Based on available evidence, the false-negative rate of a single RT-PCR test was set at 29% in the base case, which is equivalent to a sensitivity of 71%.12 Also, the cost of RT-PCR test kits for COVID-19 in China was based on the charge in Hubei province.33 Moreover, the daily hospitalisation costs of the fully quarantined individuals were from a published study on the healthcare resource utilisation of 105 patients with COVID-19 in Shenzhen, China.34 However, such costs only applied to additionally fully quarantined individuals. In the absence of related data, the daily costs of the mixed profiles of the I class were assumed to be 80% of the costs of the fully quarantined individuals.

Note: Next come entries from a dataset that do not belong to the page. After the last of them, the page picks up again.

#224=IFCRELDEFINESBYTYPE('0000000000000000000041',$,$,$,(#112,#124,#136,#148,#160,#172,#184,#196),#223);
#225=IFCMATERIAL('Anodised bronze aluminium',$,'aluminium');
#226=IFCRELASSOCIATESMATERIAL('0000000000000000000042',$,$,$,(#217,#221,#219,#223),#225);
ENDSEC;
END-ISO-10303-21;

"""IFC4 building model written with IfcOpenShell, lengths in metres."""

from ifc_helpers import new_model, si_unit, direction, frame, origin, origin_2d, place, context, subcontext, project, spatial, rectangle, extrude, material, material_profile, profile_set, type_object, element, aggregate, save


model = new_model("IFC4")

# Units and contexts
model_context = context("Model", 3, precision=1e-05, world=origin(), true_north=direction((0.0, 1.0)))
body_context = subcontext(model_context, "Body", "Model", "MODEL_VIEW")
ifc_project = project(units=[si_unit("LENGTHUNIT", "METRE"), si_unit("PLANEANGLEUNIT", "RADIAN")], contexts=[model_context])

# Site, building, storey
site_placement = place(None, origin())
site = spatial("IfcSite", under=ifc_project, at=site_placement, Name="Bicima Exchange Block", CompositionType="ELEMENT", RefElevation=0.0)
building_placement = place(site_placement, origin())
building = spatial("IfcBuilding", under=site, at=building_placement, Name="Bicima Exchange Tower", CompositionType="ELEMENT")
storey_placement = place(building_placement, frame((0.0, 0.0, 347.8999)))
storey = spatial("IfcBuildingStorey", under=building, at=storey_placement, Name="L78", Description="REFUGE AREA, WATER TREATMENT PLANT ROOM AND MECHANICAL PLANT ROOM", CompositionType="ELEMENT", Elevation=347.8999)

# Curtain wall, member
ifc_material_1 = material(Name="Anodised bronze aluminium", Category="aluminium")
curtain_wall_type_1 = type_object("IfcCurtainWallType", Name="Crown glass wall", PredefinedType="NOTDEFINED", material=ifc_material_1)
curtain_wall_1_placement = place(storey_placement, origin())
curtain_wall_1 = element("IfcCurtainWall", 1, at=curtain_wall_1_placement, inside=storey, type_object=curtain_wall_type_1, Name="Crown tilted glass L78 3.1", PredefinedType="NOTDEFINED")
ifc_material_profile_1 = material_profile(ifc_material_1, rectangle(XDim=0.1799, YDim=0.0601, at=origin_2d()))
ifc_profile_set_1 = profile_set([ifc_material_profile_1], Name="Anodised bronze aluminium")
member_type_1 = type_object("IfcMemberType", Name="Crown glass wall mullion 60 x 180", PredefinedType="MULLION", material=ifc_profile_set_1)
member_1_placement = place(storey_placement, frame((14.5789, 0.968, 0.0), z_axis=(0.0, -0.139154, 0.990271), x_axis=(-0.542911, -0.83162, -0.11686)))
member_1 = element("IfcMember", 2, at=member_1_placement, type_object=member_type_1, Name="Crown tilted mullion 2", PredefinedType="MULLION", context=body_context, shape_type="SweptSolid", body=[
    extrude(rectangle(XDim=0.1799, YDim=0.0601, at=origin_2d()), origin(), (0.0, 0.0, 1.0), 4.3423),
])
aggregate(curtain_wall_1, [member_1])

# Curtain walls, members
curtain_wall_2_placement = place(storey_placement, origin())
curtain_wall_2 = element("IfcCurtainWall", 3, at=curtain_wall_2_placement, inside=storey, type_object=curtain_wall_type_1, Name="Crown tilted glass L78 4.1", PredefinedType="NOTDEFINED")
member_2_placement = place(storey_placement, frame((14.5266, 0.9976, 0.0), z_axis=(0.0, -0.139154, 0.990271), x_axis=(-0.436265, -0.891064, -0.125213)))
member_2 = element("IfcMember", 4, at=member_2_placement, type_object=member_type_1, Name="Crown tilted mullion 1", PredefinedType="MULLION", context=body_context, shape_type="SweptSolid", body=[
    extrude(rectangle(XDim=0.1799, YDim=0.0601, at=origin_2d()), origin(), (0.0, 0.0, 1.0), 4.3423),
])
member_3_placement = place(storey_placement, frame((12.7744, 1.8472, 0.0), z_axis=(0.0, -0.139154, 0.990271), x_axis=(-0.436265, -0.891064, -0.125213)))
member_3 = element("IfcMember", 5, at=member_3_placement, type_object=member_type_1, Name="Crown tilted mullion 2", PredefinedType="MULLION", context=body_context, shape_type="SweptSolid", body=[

Productivity costs were not included to avoid double counting of the benefit of more sensitive tests.35 Even more, data on health utility weights of the patients with COVID-19 were not available to date. Hence, the average utility score of patients with severe and mild symptomatic influenza in China was used.36 It was also necessary to input to the model the fraction of patients per day who were tested for discharges, which has not been documented so far. However, the tentative guidance in China recommended negative results of two tests on two consecutive days. Hence, we assumed that tests for discharges happened on the 15th day after diagnosis on average since the mean hospitalisation duration was 17 days. The input values are shown in table 2.

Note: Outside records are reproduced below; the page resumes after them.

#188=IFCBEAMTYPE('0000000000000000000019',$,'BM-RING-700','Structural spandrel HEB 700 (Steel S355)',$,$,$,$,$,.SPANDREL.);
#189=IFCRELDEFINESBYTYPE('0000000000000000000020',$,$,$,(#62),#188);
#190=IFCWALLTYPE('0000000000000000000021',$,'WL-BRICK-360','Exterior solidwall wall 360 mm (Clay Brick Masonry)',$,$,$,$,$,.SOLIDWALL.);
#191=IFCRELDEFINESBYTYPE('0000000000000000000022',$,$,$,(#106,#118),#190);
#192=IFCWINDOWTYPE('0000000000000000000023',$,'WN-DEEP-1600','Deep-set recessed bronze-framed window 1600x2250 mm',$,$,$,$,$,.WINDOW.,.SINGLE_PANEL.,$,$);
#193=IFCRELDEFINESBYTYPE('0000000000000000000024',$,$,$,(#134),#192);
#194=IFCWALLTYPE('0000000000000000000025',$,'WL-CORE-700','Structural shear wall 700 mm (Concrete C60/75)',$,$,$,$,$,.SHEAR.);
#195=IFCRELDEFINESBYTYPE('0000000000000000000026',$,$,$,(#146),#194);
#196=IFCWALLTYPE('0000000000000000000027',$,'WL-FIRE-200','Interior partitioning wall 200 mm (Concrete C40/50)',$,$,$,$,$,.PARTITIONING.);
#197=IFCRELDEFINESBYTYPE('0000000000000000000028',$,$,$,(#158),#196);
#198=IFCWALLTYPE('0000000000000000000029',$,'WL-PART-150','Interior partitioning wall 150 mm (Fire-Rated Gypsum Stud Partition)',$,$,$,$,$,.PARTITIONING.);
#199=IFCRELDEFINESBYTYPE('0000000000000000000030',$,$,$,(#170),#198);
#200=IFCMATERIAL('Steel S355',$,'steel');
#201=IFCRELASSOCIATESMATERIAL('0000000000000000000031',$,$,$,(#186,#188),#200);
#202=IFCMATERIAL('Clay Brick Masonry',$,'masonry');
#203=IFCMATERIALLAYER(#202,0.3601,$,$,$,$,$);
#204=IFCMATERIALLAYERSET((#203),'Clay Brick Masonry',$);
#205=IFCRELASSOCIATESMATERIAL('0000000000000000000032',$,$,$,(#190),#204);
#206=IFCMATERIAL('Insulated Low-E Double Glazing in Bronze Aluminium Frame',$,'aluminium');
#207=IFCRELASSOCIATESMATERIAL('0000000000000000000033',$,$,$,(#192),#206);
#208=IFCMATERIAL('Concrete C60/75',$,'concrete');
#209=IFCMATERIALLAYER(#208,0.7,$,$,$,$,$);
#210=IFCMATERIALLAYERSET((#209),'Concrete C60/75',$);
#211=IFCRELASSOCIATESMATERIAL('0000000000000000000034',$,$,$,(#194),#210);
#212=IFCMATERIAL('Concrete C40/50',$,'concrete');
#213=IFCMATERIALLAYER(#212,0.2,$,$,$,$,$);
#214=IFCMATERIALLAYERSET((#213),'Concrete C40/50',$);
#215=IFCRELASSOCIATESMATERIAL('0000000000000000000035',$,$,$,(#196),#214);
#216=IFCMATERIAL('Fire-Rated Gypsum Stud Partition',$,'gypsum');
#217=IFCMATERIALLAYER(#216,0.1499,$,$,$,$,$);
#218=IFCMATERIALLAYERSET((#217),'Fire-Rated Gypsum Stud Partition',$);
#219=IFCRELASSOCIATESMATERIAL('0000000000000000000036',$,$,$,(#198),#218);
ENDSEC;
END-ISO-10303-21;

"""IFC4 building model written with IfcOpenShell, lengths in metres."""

To account for potential inaccurate estimates of the parameters, one-way sensitivity analyses (OWSAs) were conducted. The parameters that were varied in OWSAs and the magnitude of changes are not elaborated in this section. Instead, they are shown in online supplementary figure A4 (online supplementary materials) together with the results of OWSAs. The International Society for Pharmacoeconomics and Outcomes Research and the Society for Medical Decision Making do not include probabilistic sensitivity analyses (PSAs) in their best modelling practice recommendations for transmission models, realising that many parameters have to be jointly estimated.37 Thus, PSAs were not conducted in the present study.

Patient and public involvement

It was not appropriate or possible to involve patients or the public in the design, or conduct, or reporting or dissemination plans of our research.